The accompanying interim financial statements for the three and nine months ended October 31, 2010 and 2009 are unaudited and have been prepared in accordance with U.S. GAAP for interim financial information and Article 10 of Regulation S-X. Accordingly, they do not include all of the information and footnotes required by U.S. GAAP for complete financial statements. In the opinion of management, all adjustments (consisting of normal recurring accruals) considered necessary for a fair presentation have been included. The results of operations realized during an interim period are not necessarily indicative of results to be expected for a full year. These financial statements should be read in conjunction with the financial statements of the Company for the fiscal year ended January 31, 2010.


Development Stage Company


The accompanying financial statements have been prepared in accordance with generally accepted accounting principles related to development-stage companies as that term is defined by Financial Accounting Standards Board ("FASB") Accounting Standards Codification ("ASC") 915, Development Stage Entities. A development-stage company is one in which planned principal operations have not commenced or, if its operations have commenced, revenues therefrom are not yet considered to be significant.


Cash and Cash Equivalents


The Company considers all highly liquid investments with a maturity of three months or less when purchased to be cash equivalents.


Estimates


The preparation of financial statements in conformity with U.S. GAAP requires management to make estimates and assumptions that affect the reported amounts of assets and liabilities and disclosure of contingent assets and liabilities at the date of the financial statements and the reported amounts of revenues and expenses during the reporting period. Actual results could differ from those estimates.


Reclassifications


Certain accounts and financial statement captions in the prior periods have been reclassified to conform to the presentation in the current period financial statements.


Advertising


Advertising will be expensed in the period in which it is incurred. There were no advertising expenses in either reporting period.



7



Revenue Recognition


The Company applies paragraph 605-10-S99-1 of the FASB Accounting Standards Codification for revenue recognition. The Company recognizes revenue when it is realized or realizable and earned less estimated future doubtful accounts.
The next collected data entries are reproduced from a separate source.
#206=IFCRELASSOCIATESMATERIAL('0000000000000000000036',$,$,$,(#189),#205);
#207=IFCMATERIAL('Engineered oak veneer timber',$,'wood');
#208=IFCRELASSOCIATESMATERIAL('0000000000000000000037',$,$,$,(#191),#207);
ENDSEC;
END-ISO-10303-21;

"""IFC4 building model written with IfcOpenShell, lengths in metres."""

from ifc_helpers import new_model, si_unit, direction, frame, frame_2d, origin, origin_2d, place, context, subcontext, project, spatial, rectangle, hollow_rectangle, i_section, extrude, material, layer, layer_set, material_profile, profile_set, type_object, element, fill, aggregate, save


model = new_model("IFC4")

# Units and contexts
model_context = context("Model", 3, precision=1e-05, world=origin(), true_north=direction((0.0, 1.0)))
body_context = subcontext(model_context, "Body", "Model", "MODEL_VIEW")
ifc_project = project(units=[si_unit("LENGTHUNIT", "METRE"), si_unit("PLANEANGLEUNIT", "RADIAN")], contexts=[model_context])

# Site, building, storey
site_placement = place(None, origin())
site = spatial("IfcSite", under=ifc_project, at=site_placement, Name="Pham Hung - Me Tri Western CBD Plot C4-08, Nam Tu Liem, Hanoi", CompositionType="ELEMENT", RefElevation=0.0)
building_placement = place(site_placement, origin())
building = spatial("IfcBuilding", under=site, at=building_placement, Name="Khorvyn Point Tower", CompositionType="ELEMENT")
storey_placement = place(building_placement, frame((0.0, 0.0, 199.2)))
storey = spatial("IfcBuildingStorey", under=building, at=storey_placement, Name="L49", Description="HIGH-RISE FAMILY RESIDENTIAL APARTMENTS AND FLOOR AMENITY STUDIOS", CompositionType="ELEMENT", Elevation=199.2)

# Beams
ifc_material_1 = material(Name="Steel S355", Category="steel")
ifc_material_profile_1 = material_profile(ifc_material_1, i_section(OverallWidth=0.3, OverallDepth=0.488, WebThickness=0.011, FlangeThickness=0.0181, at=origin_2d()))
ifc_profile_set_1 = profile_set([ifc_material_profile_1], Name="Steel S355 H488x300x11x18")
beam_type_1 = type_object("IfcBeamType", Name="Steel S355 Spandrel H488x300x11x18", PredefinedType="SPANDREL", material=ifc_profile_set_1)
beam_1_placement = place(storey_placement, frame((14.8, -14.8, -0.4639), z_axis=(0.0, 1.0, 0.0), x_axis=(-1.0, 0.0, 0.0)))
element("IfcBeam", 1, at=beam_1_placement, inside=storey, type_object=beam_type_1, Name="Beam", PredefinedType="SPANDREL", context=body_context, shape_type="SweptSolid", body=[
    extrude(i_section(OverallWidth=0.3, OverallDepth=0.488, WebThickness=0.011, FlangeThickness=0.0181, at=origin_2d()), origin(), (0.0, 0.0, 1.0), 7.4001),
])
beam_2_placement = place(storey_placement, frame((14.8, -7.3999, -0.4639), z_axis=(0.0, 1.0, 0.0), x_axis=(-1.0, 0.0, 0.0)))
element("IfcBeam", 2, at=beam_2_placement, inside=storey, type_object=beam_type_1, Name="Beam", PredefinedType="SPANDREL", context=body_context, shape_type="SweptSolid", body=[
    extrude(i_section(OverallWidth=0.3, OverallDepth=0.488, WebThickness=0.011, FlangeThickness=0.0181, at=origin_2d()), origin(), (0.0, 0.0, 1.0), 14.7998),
The Company considers revenue realized or realizable and earned when all of the following criteria are met: (i) persuasive evidence of an arrangement exists, (ii) the services have been rendered to the customer, (iii) the sales price is fixed or determinable, and (iv) collectability is reasonably assured.


Net Loss Per Common Share


Net loss per common share is computed pursuant to section 260-10-45 of the FASB ASC. Basic and diluted net income per common share has been calculated by dividing the net income for the period by the basic and diluted weighted average number of common shares outstanding assuming that the Company incorporated as of the beginning of the first period presented. There were no dilutive shares or securities outstanding as of October 31, 2010.


Income Taxes


The Company accounts for income taxes using Section 740-10-30 of the FASB ASC. Deferred income tax assets and liabilities are determined based upon differences between the financial reporting and tax bases of assets and liabilities and are measured using the enacted tax rates and laws that will be in effect when the differences are expected to reverse. Deferred tax assets are reduced by a valuation allowance to the extent management concludes it is more likely than not that the assets will not be realized. Deferred tax assets and liabilities are measured using enacted tax rates expected to apply to taxable income in the years in which those temporary differences are expected to be recovered or settled. The effect on deferred tax assets and liabilities of a change in tax rates is recognized in the statements of operations in the period that includes the enactment date.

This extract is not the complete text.